The authors conveniently ignore, not only the citation of research backing that claim, but TPC's grant of dynamic scoring assumptions that follows immediately after the cited passage:
Nevertheless, the above results are not qualitatively different even if one were to assume that tax cuts pay for themselves according to the rule of thumb estimates from Mankiw and Weinzerl (2006). This model, which is based on an assumption that saving is infinitely elastic, may well overstate the capital income response, in addition to the other concerns raised above. Moreover, this model that assumes that rate reductions are paid for with lump sum tax increases, which means their model would overstate the growth effects in the context of a tax plan that included progressive reductions in tax expenditures.

If we assume, as in their model, that 21.3 percent of capital income taxes and 13.5 percent of labor income taxes are offset by higher growth after five years this would imply a revenue offset of 14.7 percent. (Assuming the tax cuts are 85 percent labor and 15 percent capital, which is roughly the share of labor and capital income reported on individual tax returns).[21]

According to this assumption, the tax cuts would result in revenue reductions of $307 billion (instead of $360 billion). If we assume that base broadening therefore only needs to pay for $307 billion in revenues (after five years), even in this scenario, more than 56 percent of all available tax expenditures would need to be eliminated (versus 65 percent without this assumption).

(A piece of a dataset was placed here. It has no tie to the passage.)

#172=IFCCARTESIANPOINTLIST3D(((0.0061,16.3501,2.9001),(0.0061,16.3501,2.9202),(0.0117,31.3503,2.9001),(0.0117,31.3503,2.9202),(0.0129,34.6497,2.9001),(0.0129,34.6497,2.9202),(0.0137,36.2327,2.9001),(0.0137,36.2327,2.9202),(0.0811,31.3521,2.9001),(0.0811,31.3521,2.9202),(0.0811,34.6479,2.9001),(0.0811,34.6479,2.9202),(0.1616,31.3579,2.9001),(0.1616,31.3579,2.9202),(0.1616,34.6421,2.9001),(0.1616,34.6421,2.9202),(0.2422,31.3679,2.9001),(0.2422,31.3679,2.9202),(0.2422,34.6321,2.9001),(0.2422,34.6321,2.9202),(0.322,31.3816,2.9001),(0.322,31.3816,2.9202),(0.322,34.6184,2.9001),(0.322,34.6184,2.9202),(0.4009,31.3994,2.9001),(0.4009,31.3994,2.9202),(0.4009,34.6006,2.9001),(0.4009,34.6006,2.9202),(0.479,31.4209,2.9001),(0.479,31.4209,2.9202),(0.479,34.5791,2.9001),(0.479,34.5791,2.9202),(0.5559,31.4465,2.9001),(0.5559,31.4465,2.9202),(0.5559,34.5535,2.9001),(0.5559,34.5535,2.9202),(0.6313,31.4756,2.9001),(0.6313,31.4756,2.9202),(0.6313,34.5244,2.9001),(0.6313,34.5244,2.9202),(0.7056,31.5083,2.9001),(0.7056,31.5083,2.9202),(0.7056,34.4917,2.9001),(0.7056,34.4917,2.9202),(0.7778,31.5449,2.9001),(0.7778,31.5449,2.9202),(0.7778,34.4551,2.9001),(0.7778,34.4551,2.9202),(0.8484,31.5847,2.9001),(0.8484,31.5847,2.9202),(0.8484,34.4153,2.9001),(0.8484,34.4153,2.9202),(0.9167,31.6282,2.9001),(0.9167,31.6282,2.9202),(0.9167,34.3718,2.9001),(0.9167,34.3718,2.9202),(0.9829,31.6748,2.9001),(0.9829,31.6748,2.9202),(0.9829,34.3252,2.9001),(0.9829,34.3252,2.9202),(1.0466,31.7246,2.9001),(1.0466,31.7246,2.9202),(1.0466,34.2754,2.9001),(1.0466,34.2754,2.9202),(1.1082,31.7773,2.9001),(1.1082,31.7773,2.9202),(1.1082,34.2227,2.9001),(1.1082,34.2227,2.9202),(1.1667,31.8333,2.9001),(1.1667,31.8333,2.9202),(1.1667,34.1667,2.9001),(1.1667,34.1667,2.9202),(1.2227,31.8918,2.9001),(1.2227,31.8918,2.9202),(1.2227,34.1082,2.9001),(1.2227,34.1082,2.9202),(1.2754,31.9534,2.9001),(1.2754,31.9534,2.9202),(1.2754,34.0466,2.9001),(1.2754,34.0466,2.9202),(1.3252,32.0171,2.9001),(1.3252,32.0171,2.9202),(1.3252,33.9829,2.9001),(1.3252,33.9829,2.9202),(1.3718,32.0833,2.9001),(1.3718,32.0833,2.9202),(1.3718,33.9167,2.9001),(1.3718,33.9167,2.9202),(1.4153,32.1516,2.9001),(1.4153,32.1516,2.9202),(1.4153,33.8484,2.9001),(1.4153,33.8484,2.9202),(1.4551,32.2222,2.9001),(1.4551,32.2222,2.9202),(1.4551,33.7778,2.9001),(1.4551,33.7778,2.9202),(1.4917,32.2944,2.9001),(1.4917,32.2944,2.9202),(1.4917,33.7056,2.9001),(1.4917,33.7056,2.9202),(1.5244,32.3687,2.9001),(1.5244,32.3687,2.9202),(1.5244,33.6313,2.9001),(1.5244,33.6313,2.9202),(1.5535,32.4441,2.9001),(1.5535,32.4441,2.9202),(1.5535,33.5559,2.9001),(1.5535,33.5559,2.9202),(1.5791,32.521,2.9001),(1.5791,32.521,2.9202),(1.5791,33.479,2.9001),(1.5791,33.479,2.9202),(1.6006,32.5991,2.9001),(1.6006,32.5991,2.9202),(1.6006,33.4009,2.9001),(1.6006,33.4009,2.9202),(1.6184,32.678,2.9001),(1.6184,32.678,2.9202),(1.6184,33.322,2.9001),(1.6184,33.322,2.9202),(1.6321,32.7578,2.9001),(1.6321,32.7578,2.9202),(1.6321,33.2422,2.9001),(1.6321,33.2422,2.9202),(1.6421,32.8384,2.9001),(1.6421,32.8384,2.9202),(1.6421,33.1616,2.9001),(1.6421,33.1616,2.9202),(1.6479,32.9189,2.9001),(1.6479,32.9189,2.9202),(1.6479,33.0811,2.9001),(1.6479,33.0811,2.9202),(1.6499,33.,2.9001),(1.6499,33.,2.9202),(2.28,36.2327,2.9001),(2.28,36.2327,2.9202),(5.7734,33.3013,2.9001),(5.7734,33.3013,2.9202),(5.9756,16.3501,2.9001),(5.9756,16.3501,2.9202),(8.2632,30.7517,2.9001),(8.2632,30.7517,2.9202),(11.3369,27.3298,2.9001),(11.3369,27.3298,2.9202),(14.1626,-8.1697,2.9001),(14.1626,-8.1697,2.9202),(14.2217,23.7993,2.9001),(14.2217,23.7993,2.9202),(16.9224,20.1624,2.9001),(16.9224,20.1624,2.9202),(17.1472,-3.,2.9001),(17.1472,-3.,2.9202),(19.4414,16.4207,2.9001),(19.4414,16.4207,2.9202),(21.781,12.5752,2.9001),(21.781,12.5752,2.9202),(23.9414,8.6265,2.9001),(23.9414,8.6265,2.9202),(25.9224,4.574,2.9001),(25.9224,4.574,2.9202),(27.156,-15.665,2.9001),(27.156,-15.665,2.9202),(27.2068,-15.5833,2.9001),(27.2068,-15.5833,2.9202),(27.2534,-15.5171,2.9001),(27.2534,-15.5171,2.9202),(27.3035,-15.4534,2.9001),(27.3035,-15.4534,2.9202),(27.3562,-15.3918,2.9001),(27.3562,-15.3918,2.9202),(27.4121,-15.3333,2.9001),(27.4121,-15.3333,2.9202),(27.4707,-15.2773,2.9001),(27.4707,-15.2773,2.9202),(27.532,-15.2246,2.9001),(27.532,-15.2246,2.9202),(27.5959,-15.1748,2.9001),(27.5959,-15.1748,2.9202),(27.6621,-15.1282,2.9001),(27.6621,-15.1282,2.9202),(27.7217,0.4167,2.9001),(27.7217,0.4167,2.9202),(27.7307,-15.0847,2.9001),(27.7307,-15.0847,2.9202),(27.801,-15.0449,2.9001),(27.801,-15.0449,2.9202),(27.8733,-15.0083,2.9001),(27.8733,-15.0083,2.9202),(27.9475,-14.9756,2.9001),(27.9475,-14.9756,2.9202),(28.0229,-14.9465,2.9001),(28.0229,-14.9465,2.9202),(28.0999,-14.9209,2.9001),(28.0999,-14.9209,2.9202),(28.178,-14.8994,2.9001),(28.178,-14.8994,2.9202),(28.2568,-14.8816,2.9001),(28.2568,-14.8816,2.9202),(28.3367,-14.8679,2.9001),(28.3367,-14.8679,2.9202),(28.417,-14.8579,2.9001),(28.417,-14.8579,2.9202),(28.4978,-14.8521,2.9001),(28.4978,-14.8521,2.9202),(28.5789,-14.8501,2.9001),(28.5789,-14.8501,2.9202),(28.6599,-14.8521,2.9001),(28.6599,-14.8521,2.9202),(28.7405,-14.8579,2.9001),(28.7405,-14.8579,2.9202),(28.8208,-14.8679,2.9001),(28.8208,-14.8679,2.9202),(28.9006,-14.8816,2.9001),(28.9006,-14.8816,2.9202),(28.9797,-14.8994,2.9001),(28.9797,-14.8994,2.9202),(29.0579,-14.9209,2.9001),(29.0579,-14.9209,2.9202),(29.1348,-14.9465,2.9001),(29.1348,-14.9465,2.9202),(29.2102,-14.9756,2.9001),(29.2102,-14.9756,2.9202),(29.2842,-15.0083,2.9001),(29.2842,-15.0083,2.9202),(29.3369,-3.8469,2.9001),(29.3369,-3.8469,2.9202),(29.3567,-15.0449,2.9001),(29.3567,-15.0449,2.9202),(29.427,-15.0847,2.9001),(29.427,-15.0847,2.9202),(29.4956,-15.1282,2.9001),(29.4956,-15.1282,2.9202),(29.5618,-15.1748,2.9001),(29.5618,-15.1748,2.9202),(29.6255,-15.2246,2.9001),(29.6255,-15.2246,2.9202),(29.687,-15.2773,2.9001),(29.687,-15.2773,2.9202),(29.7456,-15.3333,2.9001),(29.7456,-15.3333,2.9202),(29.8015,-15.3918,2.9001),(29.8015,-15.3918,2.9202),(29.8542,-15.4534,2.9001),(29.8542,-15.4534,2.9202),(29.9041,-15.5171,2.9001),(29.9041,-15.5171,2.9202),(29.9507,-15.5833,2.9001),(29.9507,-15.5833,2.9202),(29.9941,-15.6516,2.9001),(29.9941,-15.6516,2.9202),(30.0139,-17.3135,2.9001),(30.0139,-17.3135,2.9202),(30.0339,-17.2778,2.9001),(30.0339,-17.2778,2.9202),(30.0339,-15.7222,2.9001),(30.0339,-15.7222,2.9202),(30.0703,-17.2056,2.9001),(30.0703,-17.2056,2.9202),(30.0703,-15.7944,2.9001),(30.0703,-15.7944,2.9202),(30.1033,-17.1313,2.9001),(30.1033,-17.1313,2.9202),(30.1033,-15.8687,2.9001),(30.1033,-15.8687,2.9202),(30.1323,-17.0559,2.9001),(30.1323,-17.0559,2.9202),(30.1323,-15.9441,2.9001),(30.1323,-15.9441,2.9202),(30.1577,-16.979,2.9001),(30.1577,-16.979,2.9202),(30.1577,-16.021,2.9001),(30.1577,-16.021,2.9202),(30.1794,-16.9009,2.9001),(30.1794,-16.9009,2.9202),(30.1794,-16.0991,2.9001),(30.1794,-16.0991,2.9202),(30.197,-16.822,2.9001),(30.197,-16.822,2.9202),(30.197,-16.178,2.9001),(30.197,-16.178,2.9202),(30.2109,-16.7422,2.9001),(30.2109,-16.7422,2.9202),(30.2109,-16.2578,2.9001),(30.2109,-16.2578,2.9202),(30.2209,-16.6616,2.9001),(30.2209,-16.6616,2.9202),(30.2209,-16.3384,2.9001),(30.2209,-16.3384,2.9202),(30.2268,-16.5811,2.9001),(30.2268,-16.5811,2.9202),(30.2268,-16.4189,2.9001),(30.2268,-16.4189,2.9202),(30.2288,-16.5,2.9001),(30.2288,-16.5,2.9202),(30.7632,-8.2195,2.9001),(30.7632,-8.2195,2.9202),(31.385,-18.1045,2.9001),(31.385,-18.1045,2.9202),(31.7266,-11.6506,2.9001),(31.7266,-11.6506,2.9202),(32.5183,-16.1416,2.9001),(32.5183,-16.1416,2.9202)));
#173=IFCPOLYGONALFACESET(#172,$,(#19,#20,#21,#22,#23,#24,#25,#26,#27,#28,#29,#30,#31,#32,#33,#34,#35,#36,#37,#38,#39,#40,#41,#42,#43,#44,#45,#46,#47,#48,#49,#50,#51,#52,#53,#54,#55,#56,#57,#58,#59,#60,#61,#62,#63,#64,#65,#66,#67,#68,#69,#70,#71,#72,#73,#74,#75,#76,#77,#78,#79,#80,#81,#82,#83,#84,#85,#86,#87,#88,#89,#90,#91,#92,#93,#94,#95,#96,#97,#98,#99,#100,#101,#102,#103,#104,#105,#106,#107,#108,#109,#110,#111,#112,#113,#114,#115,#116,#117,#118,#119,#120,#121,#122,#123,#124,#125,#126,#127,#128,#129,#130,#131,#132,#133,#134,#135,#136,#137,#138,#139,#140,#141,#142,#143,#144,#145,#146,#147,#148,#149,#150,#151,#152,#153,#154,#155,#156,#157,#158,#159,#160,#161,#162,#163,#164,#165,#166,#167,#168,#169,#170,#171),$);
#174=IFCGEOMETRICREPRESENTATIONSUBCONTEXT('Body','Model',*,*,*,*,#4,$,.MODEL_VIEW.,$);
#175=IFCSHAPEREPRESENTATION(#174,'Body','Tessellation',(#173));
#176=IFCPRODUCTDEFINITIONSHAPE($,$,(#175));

Although a tax reform would need to raise $53 billion less through base-broadening, this is not be enough to offset the $86 billion net tax increase faced by lower- and middle-income households in the analysis above. Indeed, in this example, even if all of the additional economic growth accrued to high-income taxpayers, and all of the additional revenue were paid by high-income taxpayers, high-income taxpayers would still experience a net reduction in their tax payments. Thus, even in this case, the required base broadening still results in a net tax reduction for the top 1 percent and for taxpayers making more than $200,000, and a net tax increase on taxpayers earning less than $200,000.
The Journal editorialists don't grapple with this math. Why should they? They've cast doubt on Romney's unwillingness to tax municipal bonds.

Update, 8/9: I see via Political Animal that Jonathan Chait did a takedown of this editorial before I got mine down yesterday evening. I might have known, since a) my first thought when I read the piece yesterday morning was "Chait bait" (I almost tweeted as much), and b) in the evening, I jumped into a Chait twitter string to ask about something I had checked out earlier in the day in preparation for my post: whether Romney's campaign documents rule out new taxes on investment income as sweepingly as TPC language suggests (not quite, as the post suggests).  It now seems silly to me that I did not infer from the email string that Chait had already written about the editorial, but I didn't -- just plowed in after dinner to write a post I'd sketched out in the a.m. (using a reference in the Romney econ plan that Chait kindly supplied in a tweet).  In any case the two pieces seem complementary to me.